American Academy of Pediatrics – Section on Orthopaedics and the Pediatric Orthopaedic Society of North America

View all recommendations from this society

February 12, 2018

Do not order a screening hip ultrasound to rule out developmental hip dysplasia or developmental hip dislocation if the baby has no risk factors and has a clinically stable hip examination.
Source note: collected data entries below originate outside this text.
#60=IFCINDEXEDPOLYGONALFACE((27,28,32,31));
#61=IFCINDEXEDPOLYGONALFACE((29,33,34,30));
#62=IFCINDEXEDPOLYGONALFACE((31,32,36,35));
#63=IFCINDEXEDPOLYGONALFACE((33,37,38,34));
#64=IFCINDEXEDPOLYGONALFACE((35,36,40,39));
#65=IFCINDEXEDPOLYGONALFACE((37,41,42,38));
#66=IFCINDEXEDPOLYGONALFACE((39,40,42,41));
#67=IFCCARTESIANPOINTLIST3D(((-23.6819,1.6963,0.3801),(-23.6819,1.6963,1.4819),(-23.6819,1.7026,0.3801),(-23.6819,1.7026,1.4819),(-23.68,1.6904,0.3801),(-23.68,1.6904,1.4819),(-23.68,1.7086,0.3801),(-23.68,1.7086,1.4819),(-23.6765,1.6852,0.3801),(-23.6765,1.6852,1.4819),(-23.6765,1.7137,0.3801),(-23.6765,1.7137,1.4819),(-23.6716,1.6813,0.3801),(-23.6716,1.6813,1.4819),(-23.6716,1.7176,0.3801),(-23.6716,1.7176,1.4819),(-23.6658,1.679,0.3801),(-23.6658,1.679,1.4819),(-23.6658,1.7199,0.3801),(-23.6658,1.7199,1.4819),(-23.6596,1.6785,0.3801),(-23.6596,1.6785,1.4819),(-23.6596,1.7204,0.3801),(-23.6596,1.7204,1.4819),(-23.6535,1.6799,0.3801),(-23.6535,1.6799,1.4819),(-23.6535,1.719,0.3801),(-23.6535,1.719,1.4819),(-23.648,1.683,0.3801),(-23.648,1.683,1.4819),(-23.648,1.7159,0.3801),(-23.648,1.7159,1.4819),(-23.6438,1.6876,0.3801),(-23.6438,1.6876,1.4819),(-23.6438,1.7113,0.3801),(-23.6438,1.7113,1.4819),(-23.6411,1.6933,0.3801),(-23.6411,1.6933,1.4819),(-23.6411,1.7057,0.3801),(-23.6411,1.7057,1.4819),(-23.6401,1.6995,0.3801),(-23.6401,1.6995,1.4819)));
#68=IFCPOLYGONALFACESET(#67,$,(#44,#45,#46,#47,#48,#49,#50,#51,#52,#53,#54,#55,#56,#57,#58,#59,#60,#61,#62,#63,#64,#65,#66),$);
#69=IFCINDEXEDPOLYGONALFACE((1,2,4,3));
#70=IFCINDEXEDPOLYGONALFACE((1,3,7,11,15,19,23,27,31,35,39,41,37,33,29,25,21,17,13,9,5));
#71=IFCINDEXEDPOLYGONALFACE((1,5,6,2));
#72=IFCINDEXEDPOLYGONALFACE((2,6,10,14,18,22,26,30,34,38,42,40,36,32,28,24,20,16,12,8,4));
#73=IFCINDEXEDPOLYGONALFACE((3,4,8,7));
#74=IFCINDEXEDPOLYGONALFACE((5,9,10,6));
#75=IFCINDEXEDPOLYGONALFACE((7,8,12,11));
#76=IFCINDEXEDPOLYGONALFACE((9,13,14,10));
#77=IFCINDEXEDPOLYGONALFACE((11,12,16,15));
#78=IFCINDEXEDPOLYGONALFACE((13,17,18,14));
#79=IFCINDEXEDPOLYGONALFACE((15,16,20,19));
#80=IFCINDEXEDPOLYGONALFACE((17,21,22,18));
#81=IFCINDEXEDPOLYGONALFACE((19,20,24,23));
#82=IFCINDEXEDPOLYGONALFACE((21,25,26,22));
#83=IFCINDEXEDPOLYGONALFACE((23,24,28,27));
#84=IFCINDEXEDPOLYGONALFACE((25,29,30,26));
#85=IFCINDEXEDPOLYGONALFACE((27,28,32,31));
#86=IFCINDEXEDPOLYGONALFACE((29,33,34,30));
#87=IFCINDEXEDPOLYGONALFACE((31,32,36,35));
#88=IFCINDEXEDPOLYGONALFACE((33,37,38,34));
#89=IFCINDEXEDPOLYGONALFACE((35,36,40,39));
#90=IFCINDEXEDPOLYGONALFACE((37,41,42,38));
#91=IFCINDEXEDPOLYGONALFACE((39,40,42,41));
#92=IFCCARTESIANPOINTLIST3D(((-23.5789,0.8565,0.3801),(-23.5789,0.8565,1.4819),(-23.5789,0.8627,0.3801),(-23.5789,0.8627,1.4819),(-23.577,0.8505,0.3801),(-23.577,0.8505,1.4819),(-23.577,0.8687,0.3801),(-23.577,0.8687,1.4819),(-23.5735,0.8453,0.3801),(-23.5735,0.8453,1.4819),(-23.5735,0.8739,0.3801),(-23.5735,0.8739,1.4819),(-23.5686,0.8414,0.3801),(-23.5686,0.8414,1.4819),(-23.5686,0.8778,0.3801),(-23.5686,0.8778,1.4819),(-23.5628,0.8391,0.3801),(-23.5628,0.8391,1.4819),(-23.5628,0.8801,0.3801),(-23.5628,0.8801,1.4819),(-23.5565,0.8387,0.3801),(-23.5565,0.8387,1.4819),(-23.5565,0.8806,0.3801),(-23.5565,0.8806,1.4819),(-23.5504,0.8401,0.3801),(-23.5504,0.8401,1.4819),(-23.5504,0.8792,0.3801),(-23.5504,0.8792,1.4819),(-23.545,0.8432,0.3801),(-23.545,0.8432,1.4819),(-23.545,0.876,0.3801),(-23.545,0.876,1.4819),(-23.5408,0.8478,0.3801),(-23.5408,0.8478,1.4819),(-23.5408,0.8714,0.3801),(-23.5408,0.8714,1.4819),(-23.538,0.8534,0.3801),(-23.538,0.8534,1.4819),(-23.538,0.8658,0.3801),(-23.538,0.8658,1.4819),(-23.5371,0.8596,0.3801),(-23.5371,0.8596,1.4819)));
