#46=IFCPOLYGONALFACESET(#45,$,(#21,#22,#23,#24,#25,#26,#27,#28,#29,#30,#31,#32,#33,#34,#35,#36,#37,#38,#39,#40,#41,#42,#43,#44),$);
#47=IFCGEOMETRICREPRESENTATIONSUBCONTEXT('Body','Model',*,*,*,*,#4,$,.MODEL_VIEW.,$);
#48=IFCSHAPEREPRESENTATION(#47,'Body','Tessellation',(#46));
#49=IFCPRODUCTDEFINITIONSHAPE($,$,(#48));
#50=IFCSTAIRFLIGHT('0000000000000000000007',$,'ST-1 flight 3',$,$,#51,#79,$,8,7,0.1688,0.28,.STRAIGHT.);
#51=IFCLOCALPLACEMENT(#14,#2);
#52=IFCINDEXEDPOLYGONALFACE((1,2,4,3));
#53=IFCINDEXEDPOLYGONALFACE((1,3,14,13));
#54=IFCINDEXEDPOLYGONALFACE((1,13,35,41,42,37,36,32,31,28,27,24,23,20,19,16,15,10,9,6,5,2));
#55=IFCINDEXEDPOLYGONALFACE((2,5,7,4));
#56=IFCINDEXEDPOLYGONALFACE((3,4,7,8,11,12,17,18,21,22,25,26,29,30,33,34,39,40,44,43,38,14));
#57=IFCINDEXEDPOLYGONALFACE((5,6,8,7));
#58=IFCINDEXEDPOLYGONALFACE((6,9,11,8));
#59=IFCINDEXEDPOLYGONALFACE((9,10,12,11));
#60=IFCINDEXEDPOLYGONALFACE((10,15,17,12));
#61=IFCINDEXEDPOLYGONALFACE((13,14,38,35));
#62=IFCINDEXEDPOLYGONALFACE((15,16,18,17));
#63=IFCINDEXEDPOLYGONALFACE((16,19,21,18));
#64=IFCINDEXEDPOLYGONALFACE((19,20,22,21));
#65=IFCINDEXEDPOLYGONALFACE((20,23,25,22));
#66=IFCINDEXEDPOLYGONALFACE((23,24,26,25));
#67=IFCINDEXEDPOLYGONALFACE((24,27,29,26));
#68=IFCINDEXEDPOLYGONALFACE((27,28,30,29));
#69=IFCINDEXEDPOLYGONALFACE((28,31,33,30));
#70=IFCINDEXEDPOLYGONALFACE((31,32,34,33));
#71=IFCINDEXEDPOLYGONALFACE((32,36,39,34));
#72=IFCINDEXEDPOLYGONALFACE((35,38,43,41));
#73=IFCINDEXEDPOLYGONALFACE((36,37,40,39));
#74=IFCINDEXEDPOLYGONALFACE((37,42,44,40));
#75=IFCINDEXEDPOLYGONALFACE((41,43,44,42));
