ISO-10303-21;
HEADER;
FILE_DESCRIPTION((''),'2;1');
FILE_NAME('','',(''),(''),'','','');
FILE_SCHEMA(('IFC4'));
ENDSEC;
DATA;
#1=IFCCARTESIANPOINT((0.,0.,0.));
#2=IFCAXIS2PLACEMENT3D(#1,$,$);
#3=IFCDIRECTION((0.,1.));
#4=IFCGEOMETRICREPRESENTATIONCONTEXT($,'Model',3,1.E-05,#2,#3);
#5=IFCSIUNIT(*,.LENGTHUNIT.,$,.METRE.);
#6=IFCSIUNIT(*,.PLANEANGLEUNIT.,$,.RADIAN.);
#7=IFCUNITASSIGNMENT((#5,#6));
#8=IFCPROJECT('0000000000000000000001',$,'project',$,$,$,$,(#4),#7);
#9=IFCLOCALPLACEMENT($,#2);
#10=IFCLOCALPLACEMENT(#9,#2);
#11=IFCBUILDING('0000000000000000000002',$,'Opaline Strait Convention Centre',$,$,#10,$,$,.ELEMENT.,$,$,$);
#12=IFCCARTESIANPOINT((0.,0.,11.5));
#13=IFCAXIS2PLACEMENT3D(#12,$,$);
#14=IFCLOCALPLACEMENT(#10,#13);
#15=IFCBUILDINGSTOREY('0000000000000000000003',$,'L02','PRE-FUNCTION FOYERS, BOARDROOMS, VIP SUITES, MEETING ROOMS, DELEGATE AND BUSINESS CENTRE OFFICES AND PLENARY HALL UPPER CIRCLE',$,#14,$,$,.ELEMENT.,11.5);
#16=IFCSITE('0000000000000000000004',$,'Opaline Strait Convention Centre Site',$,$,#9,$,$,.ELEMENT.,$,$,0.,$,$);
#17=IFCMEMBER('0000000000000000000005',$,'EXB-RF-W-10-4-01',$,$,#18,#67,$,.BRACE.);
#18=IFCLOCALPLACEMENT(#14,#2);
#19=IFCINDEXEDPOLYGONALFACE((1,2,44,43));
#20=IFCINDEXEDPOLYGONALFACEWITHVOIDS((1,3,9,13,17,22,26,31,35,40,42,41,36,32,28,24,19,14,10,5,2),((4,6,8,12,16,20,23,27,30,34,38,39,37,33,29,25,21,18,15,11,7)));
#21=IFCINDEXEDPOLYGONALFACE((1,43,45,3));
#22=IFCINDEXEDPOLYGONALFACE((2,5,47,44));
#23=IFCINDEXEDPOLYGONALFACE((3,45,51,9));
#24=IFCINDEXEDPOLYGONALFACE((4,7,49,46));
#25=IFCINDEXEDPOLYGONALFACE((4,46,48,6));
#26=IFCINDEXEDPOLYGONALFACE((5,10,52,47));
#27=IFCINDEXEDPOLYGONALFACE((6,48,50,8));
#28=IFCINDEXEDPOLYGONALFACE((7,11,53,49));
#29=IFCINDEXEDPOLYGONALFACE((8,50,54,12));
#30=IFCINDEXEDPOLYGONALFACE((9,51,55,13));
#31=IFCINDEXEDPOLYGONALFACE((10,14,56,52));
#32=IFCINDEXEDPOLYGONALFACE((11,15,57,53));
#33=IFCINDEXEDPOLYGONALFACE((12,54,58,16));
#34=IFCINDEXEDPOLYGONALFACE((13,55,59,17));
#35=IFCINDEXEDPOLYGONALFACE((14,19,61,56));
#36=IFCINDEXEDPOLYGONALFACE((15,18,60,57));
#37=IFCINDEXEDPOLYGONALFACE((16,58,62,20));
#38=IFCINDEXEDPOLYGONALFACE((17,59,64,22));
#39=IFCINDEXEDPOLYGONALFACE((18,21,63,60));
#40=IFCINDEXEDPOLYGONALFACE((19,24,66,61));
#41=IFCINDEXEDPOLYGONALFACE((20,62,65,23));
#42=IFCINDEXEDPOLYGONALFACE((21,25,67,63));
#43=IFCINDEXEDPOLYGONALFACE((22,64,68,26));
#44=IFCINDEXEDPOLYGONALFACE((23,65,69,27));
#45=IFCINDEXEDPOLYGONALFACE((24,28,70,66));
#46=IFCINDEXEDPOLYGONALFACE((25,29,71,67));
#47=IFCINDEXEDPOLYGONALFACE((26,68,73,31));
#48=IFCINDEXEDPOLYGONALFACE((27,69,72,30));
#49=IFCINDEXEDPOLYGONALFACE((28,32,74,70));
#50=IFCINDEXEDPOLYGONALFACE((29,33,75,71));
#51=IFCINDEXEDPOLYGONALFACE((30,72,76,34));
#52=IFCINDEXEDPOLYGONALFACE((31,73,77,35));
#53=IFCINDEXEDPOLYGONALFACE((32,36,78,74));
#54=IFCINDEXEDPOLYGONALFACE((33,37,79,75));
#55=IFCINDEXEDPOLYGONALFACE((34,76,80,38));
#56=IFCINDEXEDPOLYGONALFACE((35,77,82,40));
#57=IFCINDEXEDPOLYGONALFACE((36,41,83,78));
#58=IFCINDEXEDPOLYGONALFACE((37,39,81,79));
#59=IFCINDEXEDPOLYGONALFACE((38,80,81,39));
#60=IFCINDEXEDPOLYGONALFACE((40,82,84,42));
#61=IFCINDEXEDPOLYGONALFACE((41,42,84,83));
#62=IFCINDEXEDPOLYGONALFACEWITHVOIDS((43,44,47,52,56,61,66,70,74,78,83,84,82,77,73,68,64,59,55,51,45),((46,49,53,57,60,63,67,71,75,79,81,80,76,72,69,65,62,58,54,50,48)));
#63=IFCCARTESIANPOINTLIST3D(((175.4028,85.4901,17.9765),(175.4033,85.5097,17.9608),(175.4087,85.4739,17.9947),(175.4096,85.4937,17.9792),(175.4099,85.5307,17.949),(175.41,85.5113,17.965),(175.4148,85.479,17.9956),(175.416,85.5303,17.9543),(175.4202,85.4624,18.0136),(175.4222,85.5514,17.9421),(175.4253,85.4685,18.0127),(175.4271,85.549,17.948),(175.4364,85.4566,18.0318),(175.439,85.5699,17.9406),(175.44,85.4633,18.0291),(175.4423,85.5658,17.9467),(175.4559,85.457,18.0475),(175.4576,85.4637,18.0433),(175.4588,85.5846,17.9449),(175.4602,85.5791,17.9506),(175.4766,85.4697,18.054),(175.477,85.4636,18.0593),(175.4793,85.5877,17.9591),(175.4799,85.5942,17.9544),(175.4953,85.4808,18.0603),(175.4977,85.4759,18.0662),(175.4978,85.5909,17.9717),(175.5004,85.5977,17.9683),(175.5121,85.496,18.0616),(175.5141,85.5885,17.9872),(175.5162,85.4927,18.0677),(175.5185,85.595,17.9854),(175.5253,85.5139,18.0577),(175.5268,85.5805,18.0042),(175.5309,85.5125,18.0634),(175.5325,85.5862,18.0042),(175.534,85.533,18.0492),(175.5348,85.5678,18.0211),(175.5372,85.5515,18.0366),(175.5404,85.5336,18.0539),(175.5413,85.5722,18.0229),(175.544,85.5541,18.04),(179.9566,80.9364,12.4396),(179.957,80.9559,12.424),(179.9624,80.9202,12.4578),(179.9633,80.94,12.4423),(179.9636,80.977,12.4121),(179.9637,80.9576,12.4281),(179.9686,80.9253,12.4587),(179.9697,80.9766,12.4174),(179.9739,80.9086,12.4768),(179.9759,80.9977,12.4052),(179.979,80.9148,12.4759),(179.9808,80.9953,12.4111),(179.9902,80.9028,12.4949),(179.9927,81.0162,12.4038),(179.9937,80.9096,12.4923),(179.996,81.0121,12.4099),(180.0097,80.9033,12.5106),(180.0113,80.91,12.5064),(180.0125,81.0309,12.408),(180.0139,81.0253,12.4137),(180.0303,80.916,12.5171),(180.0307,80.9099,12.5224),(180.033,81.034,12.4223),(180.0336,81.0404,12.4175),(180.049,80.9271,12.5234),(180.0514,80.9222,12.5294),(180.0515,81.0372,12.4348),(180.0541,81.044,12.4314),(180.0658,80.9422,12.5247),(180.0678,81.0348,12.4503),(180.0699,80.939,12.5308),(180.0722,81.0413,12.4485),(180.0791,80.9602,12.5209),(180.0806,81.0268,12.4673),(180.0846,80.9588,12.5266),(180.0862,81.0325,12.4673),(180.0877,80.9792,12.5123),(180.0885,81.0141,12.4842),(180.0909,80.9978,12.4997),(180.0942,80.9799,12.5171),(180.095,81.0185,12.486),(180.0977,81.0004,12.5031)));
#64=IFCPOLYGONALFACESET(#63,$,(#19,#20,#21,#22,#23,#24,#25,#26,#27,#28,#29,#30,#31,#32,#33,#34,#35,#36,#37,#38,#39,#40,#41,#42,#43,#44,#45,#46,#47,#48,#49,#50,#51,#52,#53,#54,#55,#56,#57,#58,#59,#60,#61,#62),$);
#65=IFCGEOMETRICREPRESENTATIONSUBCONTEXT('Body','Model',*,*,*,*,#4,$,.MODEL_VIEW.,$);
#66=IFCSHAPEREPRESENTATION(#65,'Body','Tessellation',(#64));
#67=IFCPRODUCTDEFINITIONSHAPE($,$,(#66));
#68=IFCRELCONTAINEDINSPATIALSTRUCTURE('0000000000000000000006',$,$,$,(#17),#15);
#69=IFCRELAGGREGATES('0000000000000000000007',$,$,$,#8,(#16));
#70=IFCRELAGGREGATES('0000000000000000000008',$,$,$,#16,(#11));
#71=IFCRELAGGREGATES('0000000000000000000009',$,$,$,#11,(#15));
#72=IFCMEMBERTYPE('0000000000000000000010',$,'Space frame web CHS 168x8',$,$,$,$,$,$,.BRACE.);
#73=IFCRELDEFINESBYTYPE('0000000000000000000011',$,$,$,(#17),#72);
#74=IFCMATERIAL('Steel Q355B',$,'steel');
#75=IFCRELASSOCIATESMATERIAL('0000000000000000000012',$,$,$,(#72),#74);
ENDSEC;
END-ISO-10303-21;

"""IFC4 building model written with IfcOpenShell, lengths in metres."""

from ifc_helpers import new_model, si_unit, direction, frame, origin, origin_2d, place, context, subcontext, project, spatial, hollow_circle, extrude, material, material_profile, profile_set, type_object, element, save


model = new_model("IFC4")

# Units and contexts
model_context = context("Model", 3, precision=1e-05, world=origin(), true_north=direction((0.0, 1.0)))
body_context = subcontext(model_context, "Body", "Model", "MODEL_VIEW")
ifc_project = project(units=[si_unit("LENGTHUNIT", "METRE"), si_unit("PLANEANGLEUNIT", "RADIAN")], contexts=[model_context])

# Site, building, storey
site_placement = place(None, origin())
site = spatial("IfcSite", under=ifc_project, at=site_placement, Name="Opaline Strait Convention Centre Site", CompositionType="ELEMENT", RefElevation=0.0)
building_placement = place(site_placement, origin())
building = spatial("IfcBuilding", under=site, at=building_placement, Name="Opaline Strait Convention Centre", CompositionType="ELEMENT")
storey_placement = place(building_placement, frame((0.0, 0.0, 11.5)))
storey = spatial("IfcBuildingStorey", under=building, at=storey_placement, Name="L02", Description="PRE-FUNCTION FOYERS, BOARDROOMS, VIP SUITES, MEETING ROOMS, DELEGATE AND BUSINESS CENTRE OFFICES AND PLENARY HALL UPPER CIRCLE", CompositionType="ELEMENT", Elevation=11.5)

# Member
ifc_material = material(Name="Steel Q355B", Category="steel")
ifc_material_profile_1 = material_profile(ifc_material, hollow_circle(Radius=0.084, WallThickness=0.0081, at=origin_2d()), Name="CHS 168x8")
ifc_profile_set_1 = profile_set([ifc_material_profile_1], Name="Steel Q355B")
member_type_1 = type_object("IfcMemberType", Name="Space frame web CHS 168x8", PredefinedType="BRACE", material=ifc_profile_set_1)
for number, where, z_axis, x_axis, name in (
    (1, (175.4731, 85.5269, 18.0042), (0.536178, -0.536178, -0.65194), (0.707107, 0.707107, 0.0), "EXB-RF-W-10-4-01"),
):
    element("IfcMember", number, at=place(storey_placement, frame(where, z_axis=z_axis, x_axis=x_axis)), inside=storey, type_object=member_type_1, Name=name, PredefinedType="BRACE", context=body_context, shape_type="SweptSolid", body=[
        extrude(hollow_circle(Radius=0.084, WallThickness=0.0081, at=origin_2d()), origin(), (0.0, 0.0, 1.0), 8.4929),
    ])

save(model, "model.ifc")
Hip dysplasia/dislocation is relatively rare, with incidence of approximately 7 per 1,000 births.  Studies have shown that universal screening programs for developmental hip instability using ultrasounds to assess otherwise normal appearing hips have a nearly negligible positive yield. There is a substantial false positive rate, with an associated increase in treatment rate, suggesting that babies without hip pathology are being treated. When there are no physical findings or underlying risk factors for hip dysplasia/dislocation in a newborn, a hip ultrasound is costly, time-intensive and the findings may be misleading to parents and physicians. This recommendation is in accordance with the 2016 AAP clinical report regarding the use of ultrasound in early detection of developmental dysplasia of the hip (see reference: “Evaluation and Referral for Developmental Dysplasia of the Hips in Infants”).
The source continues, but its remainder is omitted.